The whole statue serves as a commentary on Luke 2:19: “Mary kept all these things, pondering them in her heart.” It offers a speculative peek into the interior life of the Mother of the Savior after that first Easter. She now pondered not only the infancy, not only those long, hidden years in Nazareth, but the suffering, the death, and the Resurrection of her Son. And the Crucifixion, that raw memory of agony, takes center place.

In a sense, she was prepared for those pierced hands and side. François Mauriac, in his Life of Jesus, reflects on those moments in Jesus’ life when he seems to draw apart from Mary—for example, when the twelve-year-old son disappears for three days, leaving his mother anxiously searching. Normally so close to her,

suddenly he was like a stranger. Mary knew this had to be. . . .  Here below, perhaps, he sometimes treated her as he still treats his chosen ones whom he has marked for holiness and who, behind their grilles, in their cells, or in the midst of the world, know all the appearances of abandon, of being forsaken, not without keeping the interior certainty of being his elect and beloved.

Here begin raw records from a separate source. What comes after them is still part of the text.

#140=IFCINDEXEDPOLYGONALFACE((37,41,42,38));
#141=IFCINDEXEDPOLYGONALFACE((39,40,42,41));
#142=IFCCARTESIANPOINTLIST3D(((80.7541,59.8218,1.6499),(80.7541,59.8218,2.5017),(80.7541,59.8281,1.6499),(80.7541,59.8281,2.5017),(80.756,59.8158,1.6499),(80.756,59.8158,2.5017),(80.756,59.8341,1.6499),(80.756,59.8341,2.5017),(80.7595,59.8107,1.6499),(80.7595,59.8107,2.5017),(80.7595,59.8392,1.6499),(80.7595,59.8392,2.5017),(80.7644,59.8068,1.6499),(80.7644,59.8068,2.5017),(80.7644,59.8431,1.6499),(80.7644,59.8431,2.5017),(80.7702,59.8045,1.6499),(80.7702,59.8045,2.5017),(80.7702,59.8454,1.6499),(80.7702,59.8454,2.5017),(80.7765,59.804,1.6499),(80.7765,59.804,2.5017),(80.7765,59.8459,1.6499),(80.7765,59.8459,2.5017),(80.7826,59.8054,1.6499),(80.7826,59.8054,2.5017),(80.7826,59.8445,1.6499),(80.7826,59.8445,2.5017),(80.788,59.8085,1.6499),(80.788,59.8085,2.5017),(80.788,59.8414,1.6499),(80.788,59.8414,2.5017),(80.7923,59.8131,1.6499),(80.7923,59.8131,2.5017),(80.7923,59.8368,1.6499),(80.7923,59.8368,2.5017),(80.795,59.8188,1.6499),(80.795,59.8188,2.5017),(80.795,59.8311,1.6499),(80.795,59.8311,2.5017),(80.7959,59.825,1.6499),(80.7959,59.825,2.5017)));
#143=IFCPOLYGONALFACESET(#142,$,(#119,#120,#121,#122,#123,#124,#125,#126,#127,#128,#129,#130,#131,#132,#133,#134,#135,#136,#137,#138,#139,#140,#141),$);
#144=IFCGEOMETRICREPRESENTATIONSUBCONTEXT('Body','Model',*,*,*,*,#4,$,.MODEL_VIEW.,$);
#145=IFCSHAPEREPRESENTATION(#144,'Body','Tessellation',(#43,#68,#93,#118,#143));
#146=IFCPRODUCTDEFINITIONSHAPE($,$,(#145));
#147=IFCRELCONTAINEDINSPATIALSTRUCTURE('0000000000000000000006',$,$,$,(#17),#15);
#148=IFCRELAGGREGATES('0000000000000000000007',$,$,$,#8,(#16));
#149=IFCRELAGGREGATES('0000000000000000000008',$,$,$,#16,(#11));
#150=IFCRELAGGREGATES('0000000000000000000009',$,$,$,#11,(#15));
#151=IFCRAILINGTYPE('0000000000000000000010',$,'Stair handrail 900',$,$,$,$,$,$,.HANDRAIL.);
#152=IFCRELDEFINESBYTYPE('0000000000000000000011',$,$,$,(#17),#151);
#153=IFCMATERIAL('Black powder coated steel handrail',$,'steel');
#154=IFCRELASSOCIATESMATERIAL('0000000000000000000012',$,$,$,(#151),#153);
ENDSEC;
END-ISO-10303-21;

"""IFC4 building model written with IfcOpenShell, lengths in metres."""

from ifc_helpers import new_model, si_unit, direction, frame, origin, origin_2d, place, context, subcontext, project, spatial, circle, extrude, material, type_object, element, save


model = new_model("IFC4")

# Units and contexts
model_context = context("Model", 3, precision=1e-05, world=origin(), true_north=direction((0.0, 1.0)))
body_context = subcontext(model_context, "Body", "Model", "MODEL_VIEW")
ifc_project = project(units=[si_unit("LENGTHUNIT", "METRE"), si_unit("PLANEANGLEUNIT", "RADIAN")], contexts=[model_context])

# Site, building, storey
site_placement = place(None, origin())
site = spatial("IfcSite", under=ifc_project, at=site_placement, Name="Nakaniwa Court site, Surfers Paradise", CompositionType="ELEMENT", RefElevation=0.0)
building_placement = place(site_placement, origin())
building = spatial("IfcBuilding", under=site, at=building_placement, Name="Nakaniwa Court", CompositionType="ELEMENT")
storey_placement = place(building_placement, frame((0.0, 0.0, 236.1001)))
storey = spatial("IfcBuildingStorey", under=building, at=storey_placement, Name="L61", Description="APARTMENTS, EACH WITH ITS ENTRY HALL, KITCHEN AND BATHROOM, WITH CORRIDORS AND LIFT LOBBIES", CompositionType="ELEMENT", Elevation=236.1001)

The way Jesus loved Mary did not conform to the ways of the flesh. His love for her, as for all of us, led her on the way of the cross. In the Gospels, we catch glimpses of Mary watching her son, wondering at why he acts as he does. All these moments find their fulfillment in the Crucifixion, where God revealed his love to the world. And Mary, whose faith never faltered, gave her heart to be pierced too.

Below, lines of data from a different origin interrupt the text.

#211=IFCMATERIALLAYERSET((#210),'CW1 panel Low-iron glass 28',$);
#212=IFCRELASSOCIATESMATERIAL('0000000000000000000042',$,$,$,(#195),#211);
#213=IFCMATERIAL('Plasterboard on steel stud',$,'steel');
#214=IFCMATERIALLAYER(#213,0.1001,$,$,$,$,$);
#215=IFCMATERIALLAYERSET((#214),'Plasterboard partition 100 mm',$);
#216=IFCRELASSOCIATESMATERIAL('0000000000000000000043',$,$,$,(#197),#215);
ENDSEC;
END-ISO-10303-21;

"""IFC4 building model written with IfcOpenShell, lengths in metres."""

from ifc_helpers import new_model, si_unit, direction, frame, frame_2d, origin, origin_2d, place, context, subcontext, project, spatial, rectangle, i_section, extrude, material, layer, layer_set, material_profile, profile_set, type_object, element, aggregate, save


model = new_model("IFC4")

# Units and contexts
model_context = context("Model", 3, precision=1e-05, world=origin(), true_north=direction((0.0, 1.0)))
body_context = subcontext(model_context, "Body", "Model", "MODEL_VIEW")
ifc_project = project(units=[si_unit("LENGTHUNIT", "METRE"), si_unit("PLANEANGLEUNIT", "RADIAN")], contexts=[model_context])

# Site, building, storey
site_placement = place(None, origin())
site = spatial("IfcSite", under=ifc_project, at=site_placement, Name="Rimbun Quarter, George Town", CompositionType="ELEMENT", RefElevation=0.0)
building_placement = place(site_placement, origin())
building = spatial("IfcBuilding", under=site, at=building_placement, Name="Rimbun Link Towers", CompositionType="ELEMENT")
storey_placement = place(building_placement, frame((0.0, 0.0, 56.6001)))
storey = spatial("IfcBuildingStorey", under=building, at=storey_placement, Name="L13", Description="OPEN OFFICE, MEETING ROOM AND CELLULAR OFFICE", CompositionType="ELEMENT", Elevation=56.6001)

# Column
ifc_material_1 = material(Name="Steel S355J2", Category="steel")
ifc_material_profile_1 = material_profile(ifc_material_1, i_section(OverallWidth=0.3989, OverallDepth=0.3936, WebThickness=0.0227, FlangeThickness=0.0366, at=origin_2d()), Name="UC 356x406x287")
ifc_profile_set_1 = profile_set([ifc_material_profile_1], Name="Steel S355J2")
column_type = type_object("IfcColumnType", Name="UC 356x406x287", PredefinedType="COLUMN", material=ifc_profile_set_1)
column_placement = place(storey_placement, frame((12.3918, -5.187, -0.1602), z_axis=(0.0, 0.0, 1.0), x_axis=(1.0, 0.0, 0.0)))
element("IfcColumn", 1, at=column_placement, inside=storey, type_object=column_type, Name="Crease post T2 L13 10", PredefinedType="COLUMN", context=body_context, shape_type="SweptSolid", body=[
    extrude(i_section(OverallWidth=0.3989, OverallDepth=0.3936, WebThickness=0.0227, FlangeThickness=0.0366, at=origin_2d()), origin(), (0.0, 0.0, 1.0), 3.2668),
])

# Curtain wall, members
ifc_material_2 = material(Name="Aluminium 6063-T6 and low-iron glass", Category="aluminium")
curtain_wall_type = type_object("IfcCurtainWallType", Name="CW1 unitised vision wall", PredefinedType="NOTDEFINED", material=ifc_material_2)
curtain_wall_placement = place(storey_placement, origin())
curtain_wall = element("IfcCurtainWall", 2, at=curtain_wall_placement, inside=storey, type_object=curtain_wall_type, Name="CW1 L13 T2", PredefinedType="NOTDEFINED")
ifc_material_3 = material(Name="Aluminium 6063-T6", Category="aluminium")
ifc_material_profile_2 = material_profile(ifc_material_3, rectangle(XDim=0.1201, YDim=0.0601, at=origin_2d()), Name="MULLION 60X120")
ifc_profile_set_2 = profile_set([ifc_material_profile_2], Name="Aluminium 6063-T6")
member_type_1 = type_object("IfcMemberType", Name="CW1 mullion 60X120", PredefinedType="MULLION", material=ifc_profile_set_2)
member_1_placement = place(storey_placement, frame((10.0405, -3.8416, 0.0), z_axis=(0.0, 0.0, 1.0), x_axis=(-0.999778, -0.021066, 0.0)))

The Church celebrates the Holy Name of Mary. Her name is holy because she is set apart. We can exalt her high position in heaven, her perfect obedience and conformity to God’s will, and her glorious titles. Her heavenly greatness is all the more moving when we contrast it to the somewhat ordinary life she must have appeared to live. But if we asked her to explain, she would point to her son.

I walked away from this little statue with a new, Marian-inflected appreciation for St. Paul’s paradox: “I have been crucified with Christ; it is no longer I who live, but Christ who lives in me” (Gal. 2:20). Sometimes a small piece of ivory, dropped down in the middle of other medieval bric-a-brac, can bear the weight of divine mysteries.